On 12 Feb 2015, at 08:55, Konstantin Ritt <ritt...@gmail.com> wrote:

> 2015-02-12 11:53 GMT+04:00 Konstantin Ritt <ritt...@gmail.com>:
> 2015-02-12 11:39 GMT+04:00 Rutledge Shawn <shawn.rutle...@theqtcompany.com>:
> 
> On 11 Feb 2015, at 18:15, Konstantin Ritt <ritt...@gmail.com> wrote:
> 
> > FYI: Unicode codepoint != character visual representation. Moreover, a 
> > single character could be represented with  a sequence of glyps or vice 
> > versa - a sequence of characters could be represented with a single glyph.
> > QString (and every other Unicode string class in the world) represents a 
> > sequence of Unicode codepoints (in this or that UTF), not characters or 
> > glyphs - always remember that!
> 
> Is it impossible to convert some of the possible multi-codepoint sequences 
> into single ones, or is it just that we prefer to preserve them so that when 
> you convert back to UTF you get the same bytes with which you created the 
> QString?
> 
> Not sure I understand your question in context of visual representation.
> Assume you're talking about composing the input string (though the same 
> string, composed and decomposed, would be shaped into the same sequence of 
> glyphs).
> A while ago we decided to not change the composition form of the input text 
> and let the user to (de)compose where he needs a fixed composition form, so 
> that QString(wellformed_unicode_text).toUnicode() == wellformed_unicode_text.
> 
> P.S. We could re-consider this or could introduce a macro that would change 
> the composition form of a QString input but…why?

It might be almost within our power to index into a QString and get a single, 
complete, renderable glyph, which is practical at least for rendering, and 
maybe for editing too.  But if we did that by storing the unicode that way, 
we’d lose this feature of being able to reproduce the input text exactly:
QString(wellformed_unicode_text).toUnicode() == wellformed_unicode_text
Consequently we have to do conversion each time we need the renderable text, 
and/or cache the results to avoid converting repeatedly.  Right?

But it would also be possible to go the other direction: save only UTF-8 form 
in memory, so by definition we can reproduce text that was given in UTF-8 form. 
 But if the QString was constructed from text in some other UTF form, can we 
simply remember which UTF it was, convert to UTF-8, and then be able to 
reproduce it exactly by converting back from UTF-8?  And we still need to be 
able to do conversion to renderable glyphs, and maybe cache them.

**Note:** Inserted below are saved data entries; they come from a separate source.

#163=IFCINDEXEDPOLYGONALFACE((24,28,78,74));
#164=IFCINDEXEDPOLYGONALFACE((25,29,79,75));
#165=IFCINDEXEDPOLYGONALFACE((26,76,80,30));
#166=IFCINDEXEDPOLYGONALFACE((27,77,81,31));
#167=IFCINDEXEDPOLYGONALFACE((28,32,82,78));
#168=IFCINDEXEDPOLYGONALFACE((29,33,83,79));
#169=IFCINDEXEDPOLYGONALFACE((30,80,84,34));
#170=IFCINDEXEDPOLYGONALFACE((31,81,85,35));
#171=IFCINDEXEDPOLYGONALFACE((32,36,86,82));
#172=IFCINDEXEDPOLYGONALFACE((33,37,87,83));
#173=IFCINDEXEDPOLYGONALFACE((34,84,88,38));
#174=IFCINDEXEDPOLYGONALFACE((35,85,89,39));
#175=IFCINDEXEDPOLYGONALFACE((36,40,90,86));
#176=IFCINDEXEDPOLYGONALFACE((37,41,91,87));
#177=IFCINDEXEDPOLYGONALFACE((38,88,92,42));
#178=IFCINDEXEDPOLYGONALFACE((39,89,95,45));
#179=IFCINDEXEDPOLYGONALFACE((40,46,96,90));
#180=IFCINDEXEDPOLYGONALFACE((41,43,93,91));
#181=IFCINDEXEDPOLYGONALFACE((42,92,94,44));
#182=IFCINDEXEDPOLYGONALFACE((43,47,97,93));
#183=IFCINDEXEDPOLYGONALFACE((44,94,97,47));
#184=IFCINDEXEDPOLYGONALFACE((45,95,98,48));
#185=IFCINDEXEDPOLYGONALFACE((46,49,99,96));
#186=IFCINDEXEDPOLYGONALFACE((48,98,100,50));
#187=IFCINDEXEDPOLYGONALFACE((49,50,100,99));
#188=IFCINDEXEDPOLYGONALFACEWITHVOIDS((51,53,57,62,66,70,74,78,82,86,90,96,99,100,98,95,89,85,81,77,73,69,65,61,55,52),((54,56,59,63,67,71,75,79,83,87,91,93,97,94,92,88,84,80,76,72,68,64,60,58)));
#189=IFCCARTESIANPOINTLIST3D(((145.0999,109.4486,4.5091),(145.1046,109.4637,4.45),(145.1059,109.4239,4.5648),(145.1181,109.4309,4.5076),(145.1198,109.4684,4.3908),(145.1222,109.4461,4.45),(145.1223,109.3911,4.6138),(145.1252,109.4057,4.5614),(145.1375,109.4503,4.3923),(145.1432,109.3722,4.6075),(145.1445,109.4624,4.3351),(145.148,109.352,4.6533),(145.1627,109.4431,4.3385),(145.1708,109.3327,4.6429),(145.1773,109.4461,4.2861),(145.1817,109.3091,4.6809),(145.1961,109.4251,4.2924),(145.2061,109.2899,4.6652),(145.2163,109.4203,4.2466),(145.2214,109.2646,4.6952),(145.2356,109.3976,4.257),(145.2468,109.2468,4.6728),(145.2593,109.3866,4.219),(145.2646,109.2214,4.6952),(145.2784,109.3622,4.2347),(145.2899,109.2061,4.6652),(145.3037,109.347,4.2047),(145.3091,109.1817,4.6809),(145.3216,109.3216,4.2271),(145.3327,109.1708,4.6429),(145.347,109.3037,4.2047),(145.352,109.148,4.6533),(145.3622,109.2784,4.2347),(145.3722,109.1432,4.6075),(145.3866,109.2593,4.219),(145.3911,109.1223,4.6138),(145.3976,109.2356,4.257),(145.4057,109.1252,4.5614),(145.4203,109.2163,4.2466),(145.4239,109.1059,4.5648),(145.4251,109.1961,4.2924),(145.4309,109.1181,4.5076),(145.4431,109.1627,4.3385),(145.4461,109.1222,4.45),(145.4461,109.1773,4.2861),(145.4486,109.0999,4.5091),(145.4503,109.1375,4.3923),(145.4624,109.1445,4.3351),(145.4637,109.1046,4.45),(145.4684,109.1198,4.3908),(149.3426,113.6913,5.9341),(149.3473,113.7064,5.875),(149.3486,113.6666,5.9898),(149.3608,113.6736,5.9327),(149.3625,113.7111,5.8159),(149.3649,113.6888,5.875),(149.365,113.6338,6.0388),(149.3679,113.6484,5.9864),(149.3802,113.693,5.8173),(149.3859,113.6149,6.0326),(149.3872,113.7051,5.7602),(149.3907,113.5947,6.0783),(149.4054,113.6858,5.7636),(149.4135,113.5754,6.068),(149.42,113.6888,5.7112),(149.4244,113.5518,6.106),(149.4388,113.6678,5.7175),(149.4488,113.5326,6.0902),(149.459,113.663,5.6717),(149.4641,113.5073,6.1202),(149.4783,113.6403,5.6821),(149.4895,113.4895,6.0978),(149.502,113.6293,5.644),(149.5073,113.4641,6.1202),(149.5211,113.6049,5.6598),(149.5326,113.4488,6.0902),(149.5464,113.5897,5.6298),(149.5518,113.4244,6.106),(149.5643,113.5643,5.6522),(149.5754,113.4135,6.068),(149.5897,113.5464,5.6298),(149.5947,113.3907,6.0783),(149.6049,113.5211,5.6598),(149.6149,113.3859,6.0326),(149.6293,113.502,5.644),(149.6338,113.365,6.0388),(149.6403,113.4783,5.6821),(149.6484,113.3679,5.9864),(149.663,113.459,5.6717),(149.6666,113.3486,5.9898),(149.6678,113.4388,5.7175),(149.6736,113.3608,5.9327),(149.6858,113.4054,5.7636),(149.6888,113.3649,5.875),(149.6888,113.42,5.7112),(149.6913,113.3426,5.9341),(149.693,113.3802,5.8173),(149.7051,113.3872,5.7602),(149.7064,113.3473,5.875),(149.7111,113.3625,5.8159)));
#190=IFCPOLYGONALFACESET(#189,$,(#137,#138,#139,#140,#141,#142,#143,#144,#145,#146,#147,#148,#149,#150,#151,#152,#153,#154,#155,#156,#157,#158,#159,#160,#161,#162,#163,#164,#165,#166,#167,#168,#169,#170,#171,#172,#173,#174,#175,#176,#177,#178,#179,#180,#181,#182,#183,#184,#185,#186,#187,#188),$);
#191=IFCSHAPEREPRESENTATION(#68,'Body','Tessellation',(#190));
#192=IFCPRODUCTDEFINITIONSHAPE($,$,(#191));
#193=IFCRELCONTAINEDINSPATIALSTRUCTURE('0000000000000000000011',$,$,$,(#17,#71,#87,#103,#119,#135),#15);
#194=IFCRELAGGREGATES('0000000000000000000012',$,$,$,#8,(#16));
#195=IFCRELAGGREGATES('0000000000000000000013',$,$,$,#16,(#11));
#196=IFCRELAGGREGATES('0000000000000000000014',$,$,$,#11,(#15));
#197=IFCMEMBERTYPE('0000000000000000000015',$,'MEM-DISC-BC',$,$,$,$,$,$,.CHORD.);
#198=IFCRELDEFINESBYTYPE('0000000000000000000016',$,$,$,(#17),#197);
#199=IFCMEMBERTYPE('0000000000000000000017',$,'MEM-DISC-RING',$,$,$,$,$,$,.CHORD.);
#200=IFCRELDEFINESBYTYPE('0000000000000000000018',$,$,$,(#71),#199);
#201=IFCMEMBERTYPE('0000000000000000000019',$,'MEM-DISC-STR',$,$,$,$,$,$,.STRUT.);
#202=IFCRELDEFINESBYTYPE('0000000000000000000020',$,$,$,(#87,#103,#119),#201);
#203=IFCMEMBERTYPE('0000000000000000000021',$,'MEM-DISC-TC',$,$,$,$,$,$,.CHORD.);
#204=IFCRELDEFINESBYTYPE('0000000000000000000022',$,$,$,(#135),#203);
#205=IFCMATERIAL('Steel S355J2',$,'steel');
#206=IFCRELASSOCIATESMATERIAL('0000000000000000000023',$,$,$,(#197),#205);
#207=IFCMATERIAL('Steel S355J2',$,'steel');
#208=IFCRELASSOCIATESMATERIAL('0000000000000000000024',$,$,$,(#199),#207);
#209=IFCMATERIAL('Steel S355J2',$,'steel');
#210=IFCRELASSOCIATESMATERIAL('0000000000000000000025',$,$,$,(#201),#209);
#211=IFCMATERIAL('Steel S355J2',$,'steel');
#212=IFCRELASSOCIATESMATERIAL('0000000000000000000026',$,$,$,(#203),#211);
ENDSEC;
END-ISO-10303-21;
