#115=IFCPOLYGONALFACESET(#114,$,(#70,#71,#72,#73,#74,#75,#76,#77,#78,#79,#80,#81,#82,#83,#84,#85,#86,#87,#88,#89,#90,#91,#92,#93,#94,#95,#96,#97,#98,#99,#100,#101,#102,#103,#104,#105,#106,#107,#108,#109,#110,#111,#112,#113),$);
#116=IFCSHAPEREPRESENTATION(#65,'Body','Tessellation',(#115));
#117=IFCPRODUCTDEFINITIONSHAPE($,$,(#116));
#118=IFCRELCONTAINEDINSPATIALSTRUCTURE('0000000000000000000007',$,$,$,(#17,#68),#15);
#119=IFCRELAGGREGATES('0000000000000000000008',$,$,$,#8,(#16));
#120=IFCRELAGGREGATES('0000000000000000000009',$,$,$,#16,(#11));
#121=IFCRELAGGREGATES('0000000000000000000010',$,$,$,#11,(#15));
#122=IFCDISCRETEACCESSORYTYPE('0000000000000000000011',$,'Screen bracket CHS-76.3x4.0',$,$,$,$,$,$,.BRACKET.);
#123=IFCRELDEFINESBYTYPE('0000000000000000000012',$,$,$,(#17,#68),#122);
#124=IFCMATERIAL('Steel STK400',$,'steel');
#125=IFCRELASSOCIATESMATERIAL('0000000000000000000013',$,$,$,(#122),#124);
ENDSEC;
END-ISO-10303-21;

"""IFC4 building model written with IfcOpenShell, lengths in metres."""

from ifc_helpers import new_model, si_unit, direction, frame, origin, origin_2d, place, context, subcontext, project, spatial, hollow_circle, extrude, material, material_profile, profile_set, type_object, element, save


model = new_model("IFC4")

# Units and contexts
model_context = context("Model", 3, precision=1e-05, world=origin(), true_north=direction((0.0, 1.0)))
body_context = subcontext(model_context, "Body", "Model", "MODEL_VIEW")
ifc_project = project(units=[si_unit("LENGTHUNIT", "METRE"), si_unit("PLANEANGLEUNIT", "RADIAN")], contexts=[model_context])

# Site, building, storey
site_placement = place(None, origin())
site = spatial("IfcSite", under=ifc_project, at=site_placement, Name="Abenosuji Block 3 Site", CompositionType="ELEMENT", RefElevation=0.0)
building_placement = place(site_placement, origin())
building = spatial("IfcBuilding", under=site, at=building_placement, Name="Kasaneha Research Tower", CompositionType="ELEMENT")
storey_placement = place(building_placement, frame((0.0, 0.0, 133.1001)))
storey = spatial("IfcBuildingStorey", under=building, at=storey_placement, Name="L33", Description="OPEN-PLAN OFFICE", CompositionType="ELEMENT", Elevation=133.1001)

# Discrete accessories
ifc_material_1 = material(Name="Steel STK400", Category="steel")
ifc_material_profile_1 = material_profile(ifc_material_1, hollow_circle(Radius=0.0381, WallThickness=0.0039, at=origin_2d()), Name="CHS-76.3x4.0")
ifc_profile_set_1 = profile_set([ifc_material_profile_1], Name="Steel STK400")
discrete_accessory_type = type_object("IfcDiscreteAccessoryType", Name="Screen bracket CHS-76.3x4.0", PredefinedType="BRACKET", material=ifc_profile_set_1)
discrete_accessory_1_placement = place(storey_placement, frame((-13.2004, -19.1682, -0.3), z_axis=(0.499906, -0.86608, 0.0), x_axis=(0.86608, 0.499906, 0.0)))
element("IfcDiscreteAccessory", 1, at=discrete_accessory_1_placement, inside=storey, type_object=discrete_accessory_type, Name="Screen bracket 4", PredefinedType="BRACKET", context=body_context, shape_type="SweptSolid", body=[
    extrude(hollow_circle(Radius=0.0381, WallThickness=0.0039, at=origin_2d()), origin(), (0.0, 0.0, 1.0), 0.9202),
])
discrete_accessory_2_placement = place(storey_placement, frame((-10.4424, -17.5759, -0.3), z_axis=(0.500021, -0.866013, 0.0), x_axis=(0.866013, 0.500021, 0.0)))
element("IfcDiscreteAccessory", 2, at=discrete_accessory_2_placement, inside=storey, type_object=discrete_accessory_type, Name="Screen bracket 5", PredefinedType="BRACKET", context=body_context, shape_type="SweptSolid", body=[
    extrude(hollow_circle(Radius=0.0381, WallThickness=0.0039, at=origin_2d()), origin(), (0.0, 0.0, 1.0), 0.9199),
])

I see that QTextBoundaryFinder has
     const QChar *chars;
so that is nearly a cache of glyphs, right?  except that e.g. a soft hyphen 
could exist in that list, and yet may or may not be rendered depending where 
the line breaks fall?  So at the end, rendering must still be done iteratively 
by calling toNextBoundary repeatedly and pulling out substrings and rendering 
those.  (QTextBoundaryFinder doesn’t have a QChar grapheme() accessor.  I guess 
that’s done elsewhere.)  But some of the decisions have been made already, and 
embodied into that array of QChars.  I was wondering whether it’s worthwhile to 
do more work each time we iterate, by using UTF-8 form directly, instead of 
converting to an array of QChars first.  So the memory to store the string 
would be less, but the code to do the glyph-by-glyph iteration at rendering 
time would become more “branchy”, and that is also bad for CPU cache 
performance.

Oh but there’s another way of storing glyphs: the list of QScriptItems in the 
text engine.  That looks kindof bulky too, depending how long we keep it around.

So Unicode is a mini-language which has to be interpreted at some point on the 
way to rendering; there’s no pre-interpreted form we could store it in.  
TrueType is also a mini-language.  Maybe it would be possible to write a 
compiler which reads UTF-8 and TrueType and writes (nearly) branch-free code to 
render a whole line or block of text, so we could cache code instead of data.  
It could be more compact and CPU cache-friendly.  I imagine nobody has done 
that yet.  But then if you think about all the fancy stuff TeX can do, it could 
get even more complex than what Qt currently does.  And I don’t understand much 
about what Harfbuzz does yet, either.